И еще они с Леней в течение многих лет играли в настольный футбол: поле нарисовал мой папа, оно было под стеклом на письменном столе. Футболистами были шашки (синие и белые), мячом – пуговица (помню эту пуговицу!). Тайм продолжался 15 минут, в часах был установлен механизм, который через 15 минут выключал свет. Сейчас этот стол (шедевр 1960-х, светлого дерева на тонких круглых ножках) доживает свой век на террасе дачи – уже давно без стекла и без футбольного поля под ним.

– Началось все с простейшей вещи, – вспоминает Леонид Никольский. – Я, Мишка и Заля – мы после уроков бежали к нему домой играть в этот футбол, к Зале. Интересная штука. На самом деле Заля должен был бы быть, что называется, технарем. Потому что он придумал какую-то сложную систему проводков к часам, чтобы часы вовремя звенели или что-то такое – подавали сигнал, когда начало матча, когда конец первого тайма и так далее. То есть у него в этом деле явная была способность. Отец был инженером же. То есть Заля был не гуманитарий изначально, как мне кажется.

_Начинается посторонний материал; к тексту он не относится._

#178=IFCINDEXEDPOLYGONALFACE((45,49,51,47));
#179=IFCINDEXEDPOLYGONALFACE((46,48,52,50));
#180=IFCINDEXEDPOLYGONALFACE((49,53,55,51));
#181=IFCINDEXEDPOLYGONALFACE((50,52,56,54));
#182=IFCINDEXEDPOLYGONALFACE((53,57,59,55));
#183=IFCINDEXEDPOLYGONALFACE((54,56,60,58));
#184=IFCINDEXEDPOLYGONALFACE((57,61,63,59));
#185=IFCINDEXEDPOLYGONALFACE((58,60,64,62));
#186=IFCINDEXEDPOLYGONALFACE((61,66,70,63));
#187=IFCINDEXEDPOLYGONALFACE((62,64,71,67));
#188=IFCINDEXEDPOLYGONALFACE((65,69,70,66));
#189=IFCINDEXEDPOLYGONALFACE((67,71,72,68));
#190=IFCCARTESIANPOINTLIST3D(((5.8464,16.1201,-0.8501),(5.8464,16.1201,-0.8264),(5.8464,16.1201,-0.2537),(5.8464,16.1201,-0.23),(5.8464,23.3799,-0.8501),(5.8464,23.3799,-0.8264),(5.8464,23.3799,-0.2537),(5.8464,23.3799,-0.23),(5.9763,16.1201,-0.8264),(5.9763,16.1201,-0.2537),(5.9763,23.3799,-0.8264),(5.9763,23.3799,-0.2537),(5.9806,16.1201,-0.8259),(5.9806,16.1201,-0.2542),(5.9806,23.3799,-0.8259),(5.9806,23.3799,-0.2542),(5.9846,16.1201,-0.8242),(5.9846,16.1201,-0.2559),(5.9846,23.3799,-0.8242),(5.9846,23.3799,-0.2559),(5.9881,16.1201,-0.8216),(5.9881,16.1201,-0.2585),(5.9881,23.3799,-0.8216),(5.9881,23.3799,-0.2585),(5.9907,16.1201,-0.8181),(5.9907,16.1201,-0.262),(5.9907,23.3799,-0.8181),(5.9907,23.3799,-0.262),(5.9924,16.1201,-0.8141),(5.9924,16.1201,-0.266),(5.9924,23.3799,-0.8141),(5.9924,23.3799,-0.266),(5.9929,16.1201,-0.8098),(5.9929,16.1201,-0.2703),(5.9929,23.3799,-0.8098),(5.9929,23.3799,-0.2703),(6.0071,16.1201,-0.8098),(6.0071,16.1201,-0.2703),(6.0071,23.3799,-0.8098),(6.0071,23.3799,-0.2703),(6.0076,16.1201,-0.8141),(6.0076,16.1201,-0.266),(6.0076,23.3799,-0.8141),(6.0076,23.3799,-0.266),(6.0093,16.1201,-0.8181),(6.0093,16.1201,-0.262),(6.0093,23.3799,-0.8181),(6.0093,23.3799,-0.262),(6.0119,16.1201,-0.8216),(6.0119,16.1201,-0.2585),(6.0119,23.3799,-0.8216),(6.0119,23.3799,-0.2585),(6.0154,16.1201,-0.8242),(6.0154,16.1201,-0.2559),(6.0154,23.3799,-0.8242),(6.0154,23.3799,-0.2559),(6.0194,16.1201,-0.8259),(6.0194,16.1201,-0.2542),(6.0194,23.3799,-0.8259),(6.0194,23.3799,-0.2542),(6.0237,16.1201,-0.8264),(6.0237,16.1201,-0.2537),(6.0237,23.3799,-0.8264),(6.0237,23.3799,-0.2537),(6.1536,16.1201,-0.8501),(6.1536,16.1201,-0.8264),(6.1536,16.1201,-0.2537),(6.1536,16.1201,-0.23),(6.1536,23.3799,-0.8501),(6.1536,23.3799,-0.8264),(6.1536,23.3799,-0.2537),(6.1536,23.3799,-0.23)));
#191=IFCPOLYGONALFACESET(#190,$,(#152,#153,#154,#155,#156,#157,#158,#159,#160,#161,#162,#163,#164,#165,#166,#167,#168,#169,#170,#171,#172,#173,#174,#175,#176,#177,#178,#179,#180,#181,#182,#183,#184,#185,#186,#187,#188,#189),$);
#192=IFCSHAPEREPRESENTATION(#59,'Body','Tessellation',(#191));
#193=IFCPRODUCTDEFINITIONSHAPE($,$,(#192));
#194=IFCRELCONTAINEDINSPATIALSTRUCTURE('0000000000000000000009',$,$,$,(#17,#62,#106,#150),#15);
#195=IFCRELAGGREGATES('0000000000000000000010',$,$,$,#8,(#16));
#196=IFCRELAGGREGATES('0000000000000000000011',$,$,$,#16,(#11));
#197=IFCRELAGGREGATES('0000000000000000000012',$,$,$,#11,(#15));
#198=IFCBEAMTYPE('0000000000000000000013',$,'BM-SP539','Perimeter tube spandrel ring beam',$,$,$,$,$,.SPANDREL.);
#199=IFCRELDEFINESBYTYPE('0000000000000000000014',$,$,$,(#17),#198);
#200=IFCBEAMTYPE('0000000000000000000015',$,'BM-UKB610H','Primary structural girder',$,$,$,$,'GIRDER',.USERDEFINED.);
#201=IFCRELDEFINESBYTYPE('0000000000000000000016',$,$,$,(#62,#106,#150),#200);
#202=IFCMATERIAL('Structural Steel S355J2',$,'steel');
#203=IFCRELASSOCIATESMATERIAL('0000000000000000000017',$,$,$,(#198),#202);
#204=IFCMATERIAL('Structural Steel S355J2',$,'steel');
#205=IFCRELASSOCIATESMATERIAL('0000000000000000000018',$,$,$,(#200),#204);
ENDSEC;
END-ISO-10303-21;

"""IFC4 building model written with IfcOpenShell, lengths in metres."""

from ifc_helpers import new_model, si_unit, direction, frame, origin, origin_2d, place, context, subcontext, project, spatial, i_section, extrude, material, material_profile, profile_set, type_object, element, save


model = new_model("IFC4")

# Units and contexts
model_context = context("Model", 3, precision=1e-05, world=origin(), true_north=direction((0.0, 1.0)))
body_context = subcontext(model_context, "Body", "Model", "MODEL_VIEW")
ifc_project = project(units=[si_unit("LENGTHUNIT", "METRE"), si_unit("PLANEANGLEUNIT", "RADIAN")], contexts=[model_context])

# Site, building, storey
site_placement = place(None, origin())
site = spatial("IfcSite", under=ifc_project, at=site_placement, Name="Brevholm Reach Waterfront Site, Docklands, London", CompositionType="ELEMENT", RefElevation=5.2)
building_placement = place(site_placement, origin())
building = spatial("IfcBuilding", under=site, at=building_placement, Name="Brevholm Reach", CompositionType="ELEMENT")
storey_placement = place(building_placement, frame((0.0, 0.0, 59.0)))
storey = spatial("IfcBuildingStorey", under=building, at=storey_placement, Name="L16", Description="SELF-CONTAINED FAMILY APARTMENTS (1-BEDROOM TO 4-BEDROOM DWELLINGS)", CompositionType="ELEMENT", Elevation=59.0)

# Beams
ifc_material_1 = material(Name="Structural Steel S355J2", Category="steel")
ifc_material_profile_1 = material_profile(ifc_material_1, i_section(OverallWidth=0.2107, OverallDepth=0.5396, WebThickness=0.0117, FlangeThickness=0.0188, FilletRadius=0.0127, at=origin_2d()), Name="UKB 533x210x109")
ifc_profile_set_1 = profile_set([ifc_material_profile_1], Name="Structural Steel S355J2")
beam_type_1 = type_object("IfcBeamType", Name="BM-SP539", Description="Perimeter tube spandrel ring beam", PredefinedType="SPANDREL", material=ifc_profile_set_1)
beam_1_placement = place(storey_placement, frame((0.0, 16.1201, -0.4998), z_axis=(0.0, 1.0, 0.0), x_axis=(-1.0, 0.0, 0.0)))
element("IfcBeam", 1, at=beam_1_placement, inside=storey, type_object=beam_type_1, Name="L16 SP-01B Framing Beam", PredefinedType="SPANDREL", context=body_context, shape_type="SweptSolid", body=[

– Он мог быть кем угодно! – говорит Борис Андреевич Успенский. – Вот был лингвистом, а мог бы математиком или инженером. Такой – как в детстве бывает, у детей – клубок всех возможностей.

«Перфекционизм твой был всегда широким и даже неправдоподобным, – писала[12]12
  Татьяна Николаева, Посвящение Зализняку, 29 апреля 2015 года, доступно на http://polit.ru/article/2015/04/29/zalinyak_80/.


[Закрыть]
, обращаясь к Зализняку в день его 80-летия, Татьяна Михайловна Николаева[13]13
  Татьяна Михайловна Николаева (21.10.1933–21.10.2015) – лингвист, доктор филологических наук, профессор, член-корреспондент РАН; в период с 1990-го по 2012 год заведовала отделом типологии и сравнительного языкознания Института славяноведения.


[Закрыть]
. – Каждый год и не раз в год вплоть до „перестройки“ нас гоняли на овощную базу, мы вставали на заре и плелись в Кунцево. Один раз сообщили, что овощерезка сломана и овощи (капусту особенно) нужно резать руками. Мы пошли и долго и мучительно что-то резали. А ты пошел – и починил ее минут за десять. Бабы с базы смотрели на тебя с ненавистью».

– Он умел все починить. Свекровь мою таланты вообще не интересовали – рассказывает Елена Викторовна Падучева. – Она как-то больше по части жизни. Она больше ценила, что Андрей может пробки починить или еще что. Мотороллер, велосипед, электричество какое-то. Не гнушался, нет. И вот это она ценила.

– Когда у вас был мотороллер, какое-то устройство было, чтоб он стоял в сарае? – спрашивает Владимир Андреевич Успенский Зализняка.

ААЗ: Сигнализация. От дверей сарая. Но сейчас сигнализация продается на каждом шагу, а тогда надо было сделать из ничего ее. Вообще нынешний мир настолько обиден для мальчишки того времени! Потому что все это продается, в ассортименте 200 сортов сигнализации, причем никто не задумывается ни одной секунды, как это устроено! Только как пользоваться.

ВАУ: А Андрей Анатольевич все это делал! Помню, на нас с женой произвело большое впечатление, что он нам здесь починил торшер, у которого перегорел провод внутри палки. Задачка на логику почти. Ну, тем не менее на нас это произвело большое впечатление, потому что он как-то сумел вытянуть этот провод. Ну, вытянуть-то вытянуть, но и потом втянуть его обратно! Это как пасту обратно в тюбик. Но самая потрясающая вещь, вы об этом ничего не сказали, – у вас цела или нет пишущая машинка, которую вы сделали?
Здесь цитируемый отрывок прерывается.